Both tales of “mésalliance”—Jan and Justyna, and the earlier unfulfilled love between Anzelm and Marta—have their precedent in the history of the founders of the Bohatyrowicz clan, Jan and Cecylia. The couple, he from the common people and she from a noble family, were said to have fled to this part of the Niemen valley during the late fifteenth century, from their families in Poland proper. In this sense, then, they were early, pioneering colonizers. From literally nothing, Jan and Cecylia began to till the wilderness, and founded a whole clan of farming descendants. Sparsely populated, the region nevertheless had a “Ruthenian” population in and around the not-too-distant town of Grodno, to which their sons travelled in order to trade. By intermarrying with this local population, the clan grew but remained predominantly Polish-speaking. For Orzeszkowa’s purposes in this novel, this fact is key. Jan and Cecylia were Poles, as Anzelm explains, in his long summary of the history of the Bohatyrowiczes when he and Jan take Justyna to the founders’ grave at the beginning of Jan and Justyna’s friendship:

 

“One of the sons took a wife for himself from among the fisher folk […], and the sixth, while trading in fish […] brought himself a lifelong companion from the town of Grodno, which was then, because of the quantity of gardens there, called Horodno in Belarussian (“po rusińsku”). That girl was Belarussian too (“Rusinka”), but at the time, the two bloods living in one land were not infrequently mixed together and it never hurt anyone or caused any offence. Where the sons found wives, from there too came husbands for the daughters, and marrying them, never departed, but built houses here and, clearing the forest, cultivated ever more fields.” (Orzeszkowa 2014, 187)

 

So the local Ruthenian (or Belarussian, in Granas’s translation—she prefers this form to the more usual present-day form Belarusian) spouses were absorbed into the Polish settlement. The most significant event in its history, however, was its alleged discovery, while on a hunting expedition at least half a century later, by the Polish king Zygmunt August (reigned 1548-1572). Impressed by its size and prosperity, the king demands to meet its founders, by then at least eighty or ninety years old, he learns of their origins (“from those parts through which the Vistula flows”) and then bestows upon the “heroic” Jan and his clan the noble status, as Anzelm relates:

 

“The king turned to Jan. ‘You, old man, by your own desire shall remain nameless, and as you were born a commoner, so shall you be laid in your grave. But you have been a bold hero, wresting this land from the wild wilderness and the fierce animals and conquering it not by blood and sword but by work and sweat, opening its breast to a numerous people, and thereby increasing the wealth of the kingdom. Therefore, to your children, grandchildren and great-grandchildren, to the furthest generations and until the extinction of your clan, I shall give a surname derived from your heroism.’

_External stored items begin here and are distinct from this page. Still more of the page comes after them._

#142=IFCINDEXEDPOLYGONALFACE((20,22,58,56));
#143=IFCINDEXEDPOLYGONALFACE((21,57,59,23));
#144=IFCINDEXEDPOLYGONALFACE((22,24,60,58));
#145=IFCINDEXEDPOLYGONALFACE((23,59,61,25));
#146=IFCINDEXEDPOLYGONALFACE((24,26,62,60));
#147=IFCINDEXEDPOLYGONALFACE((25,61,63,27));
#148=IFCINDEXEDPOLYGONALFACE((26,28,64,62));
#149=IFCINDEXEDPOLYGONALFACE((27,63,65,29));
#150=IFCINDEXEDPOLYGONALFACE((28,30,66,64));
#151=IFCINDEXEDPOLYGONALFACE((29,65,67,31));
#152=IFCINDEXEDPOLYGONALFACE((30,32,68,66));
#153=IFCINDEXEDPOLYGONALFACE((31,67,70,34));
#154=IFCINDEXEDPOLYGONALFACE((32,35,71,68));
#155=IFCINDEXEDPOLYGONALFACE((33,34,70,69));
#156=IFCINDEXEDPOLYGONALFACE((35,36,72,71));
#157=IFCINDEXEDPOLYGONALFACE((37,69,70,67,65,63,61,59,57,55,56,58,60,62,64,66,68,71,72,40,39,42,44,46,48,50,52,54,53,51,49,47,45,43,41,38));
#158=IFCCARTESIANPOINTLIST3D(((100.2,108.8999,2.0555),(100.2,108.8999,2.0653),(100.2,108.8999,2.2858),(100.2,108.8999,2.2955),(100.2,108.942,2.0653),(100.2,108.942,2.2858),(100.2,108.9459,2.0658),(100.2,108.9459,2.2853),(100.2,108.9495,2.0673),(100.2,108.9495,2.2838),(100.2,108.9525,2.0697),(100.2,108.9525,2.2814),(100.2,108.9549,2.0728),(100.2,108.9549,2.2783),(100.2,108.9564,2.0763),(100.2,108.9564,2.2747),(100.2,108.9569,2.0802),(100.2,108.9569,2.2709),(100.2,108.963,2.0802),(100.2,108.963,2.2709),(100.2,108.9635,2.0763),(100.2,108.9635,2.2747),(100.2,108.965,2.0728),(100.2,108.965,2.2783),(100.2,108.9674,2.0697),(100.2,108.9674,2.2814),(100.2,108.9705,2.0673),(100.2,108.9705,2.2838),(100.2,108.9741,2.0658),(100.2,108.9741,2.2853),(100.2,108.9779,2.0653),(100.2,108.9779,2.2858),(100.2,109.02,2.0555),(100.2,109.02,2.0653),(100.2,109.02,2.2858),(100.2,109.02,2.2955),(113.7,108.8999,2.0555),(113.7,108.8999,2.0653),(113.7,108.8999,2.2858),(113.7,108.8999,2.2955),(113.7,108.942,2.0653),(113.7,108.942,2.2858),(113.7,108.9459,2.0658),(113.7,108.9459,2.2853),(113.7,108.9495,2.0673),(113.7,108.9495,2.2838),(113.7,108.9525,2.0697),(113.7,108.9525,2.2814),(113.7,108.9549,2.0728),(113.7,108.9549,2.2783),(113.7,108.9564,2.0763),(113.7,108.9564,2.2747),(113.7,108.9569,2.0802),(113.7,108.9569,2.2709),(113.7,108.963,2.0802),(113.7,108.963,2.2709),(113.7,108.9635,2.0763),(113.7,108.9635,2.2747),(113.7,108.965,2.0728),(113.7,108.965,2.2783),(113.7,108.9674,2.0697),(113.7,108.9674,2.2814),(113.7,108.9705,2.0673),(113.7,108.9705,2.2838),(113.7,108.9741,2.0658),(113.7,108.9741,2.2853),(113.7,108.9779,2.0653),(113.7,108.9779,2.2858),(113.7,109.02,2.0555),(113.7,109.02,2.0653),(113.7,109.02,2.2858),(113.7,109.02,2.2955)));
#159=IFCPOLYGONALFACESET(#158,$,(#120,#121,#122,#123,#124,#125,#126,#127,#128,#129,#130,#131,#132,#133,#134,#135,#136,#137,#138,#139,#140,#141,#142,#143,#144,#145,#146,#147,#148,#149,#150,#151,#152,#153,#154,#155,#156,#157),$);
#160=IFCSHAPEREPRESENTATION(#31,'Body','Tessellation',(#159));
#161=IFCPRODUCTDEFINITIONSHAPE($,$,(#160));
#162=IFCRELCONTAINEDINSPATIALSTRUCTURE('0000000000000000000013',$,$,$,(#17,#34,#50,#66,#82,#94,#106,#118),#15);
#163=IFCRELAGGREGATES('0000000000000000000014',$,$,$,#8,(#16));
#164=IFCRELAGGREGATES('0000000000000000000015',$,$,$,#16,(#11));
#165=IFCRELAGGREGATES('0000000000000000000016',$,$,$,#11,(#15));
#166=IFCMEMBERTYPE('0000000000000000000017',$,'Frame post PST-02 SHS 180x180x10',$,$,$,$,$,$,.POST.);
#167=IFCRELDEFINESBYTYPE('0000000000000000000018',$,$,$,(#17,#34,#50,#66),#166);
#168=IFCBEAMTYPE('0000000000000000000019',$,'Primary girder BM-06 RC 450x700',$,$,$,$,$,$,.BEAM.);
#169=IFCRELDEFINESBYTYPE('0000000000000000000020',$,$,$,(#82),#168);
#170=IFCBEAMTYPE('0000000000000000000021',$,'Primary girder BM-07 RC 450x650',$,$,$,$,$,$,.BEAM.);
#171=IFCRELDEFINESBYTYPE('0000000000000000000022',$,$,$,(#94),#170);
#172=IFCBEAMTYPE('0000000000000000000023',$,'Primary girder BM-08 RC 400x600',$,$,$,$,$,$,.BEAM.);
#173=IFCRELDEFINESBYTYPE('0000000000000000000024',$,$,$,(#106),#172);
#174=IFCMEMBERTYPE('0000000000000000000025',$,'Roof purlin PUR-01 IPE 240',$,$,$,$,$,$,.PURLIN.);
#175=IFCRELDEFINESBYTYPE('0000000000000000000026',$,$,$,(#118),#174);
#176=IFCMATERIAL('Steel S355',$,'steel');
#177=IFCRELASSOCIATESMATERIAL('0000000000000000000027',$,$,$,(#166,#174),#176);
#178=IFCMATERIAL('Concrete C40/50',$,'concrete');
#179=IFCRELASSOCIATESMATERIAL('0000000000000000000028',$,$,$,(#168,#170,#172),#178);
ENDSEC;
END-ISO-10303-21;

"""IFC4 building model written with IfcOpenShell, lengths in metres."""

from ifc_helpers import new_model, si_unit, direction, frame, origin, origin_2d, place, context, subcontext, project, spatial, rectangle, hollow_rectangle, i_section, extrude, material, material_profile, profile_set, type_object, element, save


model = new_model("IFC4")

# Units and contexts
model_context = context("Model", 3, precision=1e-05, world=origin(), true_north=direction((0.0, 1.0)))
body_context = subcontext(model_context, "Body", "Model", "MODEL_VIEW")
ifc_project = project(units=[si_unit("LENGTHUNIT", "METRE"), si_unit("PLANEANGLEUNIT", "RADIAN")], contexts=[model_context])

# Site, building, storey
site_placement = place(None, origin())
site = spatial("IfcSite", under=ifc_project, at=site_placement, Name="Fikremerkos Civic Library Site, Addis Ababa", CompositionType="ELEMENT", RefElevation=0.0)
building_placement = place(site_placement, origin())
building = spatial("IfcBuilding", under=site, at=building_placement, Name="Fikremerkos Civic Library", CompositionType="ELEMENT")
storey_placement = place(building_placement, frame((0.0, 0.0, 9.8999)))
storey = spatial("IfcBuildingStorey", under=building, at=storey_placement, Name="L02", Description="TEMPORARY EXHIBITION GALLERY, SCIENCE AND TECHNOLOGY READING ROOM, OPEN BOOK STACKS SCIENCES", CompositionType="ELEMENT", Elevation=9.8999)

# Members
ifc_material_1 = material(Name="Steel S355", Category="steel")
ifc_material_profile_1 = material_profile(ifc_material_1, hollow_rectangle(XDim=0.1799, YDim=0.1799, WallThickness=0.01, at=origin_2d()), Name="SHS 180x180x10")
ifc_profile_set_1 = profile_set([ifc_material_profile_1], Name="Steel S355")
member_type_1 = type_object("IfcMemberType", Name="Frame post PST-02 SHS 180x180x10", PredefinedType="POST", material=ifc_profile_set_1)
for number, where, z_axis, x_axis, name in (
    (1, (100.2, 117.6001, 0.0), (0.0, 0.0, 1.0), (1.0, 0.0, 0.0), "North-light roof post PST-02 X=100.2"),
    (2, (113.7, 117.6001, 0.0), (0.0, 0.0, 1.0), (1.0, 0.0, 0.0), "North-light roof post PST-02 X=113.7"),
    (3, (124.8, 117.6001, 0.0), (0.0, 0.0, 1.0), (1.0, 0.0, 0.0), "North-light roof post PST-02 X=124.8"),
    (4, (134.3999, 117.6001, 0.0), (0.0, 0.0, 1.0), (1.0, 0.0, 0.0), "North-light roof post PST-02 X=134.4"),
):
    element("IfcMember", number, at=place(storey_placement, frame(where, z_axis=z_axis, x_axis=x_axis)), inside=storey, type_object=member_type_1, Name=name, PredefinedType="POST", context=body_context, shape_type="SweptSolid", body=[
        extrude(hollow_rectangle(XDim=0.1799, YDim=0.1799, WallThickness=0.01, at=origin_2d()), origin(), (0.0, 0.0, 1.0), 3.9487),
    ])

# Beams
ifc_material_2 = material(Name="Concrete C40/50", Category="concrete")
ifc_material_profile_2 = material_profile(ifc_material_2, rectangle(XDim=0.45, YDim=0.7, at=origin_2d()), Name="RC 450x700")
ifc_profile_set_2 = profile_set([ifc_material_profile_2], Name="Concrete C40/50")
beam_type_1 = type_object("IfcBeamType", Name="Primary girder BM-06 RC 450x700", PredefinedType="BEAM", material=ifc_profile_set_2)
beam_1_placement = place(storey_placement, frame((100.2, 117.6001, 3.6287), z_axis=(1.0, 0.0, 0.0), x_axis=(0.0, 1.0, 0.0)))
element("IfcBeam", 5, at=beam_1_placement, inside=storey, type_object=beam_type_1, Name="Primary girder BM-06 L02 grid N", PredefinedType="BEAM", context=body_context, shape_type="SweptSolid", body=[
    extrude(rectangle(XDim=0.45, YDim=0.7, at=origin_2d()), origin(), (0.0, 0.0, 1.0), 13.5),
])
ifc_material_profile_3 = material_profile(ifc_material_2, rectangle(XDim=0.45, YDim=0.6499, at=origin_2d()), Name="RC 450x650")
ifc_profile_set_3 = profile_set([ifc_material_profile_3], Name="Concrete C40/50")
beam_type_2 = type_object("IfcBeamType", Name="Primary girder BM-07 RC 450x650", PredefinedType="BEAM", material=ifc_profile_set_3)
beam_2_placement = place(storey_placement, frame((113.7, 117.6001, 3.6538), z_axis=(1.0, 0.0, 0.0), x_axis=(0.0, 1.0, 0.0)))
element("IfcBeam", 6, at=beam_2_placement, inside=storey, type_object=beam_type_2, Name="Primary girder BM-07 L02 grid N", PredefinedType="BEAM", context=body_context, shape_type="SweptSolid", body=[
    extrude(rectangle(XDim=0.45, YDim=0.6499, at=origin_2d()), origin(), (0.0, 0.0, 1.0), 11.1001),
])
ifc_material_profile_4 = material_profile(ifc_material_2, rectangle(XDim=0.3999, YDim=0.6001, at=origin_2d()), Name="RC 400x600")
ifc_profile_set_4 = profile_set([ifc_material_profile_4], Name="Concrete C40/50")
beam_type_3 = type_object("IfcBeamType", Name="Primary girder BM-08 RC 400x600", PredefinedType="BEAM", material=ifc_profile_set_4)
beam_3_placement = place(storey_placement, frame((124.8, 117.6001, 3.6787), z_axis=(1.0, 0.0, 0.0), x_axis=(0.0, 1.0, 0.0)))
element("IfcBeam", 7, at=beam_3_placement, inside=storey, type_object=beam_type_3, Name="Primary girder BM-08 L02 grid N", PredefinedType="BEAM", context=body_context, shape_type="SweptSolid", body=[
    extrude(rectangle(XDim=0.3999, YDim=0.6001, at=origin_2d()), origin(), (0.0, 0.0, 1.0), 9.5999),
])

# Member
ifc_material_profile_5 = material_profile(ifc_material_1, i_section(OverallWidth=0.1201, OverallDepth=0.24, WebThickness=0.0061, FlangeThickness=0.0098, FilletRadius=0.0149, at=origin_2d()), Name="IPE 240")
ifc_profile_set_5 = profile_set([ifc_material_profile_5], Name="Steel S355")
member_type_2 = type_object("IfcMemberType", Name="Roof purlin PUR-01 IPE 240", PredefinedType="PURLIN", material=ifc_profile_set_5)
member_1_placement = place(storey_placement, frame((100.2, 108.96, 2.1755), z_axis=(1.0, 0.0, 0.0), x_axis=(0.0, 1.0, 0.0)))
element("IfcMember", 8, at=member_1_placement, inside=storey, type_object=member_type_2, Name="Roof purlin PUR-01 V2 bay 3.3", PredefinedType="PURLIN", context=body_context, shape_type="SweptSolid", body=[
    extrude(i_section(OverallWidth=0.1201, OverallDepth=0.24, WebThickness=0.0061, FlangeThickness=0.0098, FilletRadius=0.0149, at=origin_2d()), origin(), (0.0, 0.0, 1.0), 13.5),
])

“Here, with his right hand extended above the astounded people, the king solemnly said: ‘Let this clan, springing from a man born to the common condition, be raised to the level of the country’s nobility and, from now until its extinction, have all the rights and duties proper to the estate of knighthood to enjoy and to perform. I hereby ennoble you and order that you bear the name of Bohatyrowicz […].’” (Orzeszkowa, 2014, 191-192)

 

The Bohatyrowiczes treasure this aspect of their past. The year of the king’s visit (1549) is the one recorded on the grave, not the dates when Jan and Cecylia died. They regard themselves as nobles, szlachta, and thus feel themselves to be as good in terms of self-worth and social status as the szlachta living at the manor. Although never as rich as the landed ziemiaństwo—represented in the novel by the Korczyński family and the various relatives, social acquaintances and hangers-on associated with the Korczyn manor, the conferring of the noble status separates the Bohatyrowiczes from other “peasants”. Yet, compared to many peasants, they are prosperous (despite the differences between them—Anzelm and Jan, for example, are better skilled as husbandmen than their neighbour Fabian Bohatyrowicz,  relatively inept and constantly resentfully disposed towards the manor), certainly not without their own patches of land, livestock and farming skills, and not merely hired labour on the verge of starvation, although, as Witold observes, improvements could indeed be made in agricultural methods, as well as in relations between the village settlement and the manor on occasions when his father requires its labour, for example during the harvest.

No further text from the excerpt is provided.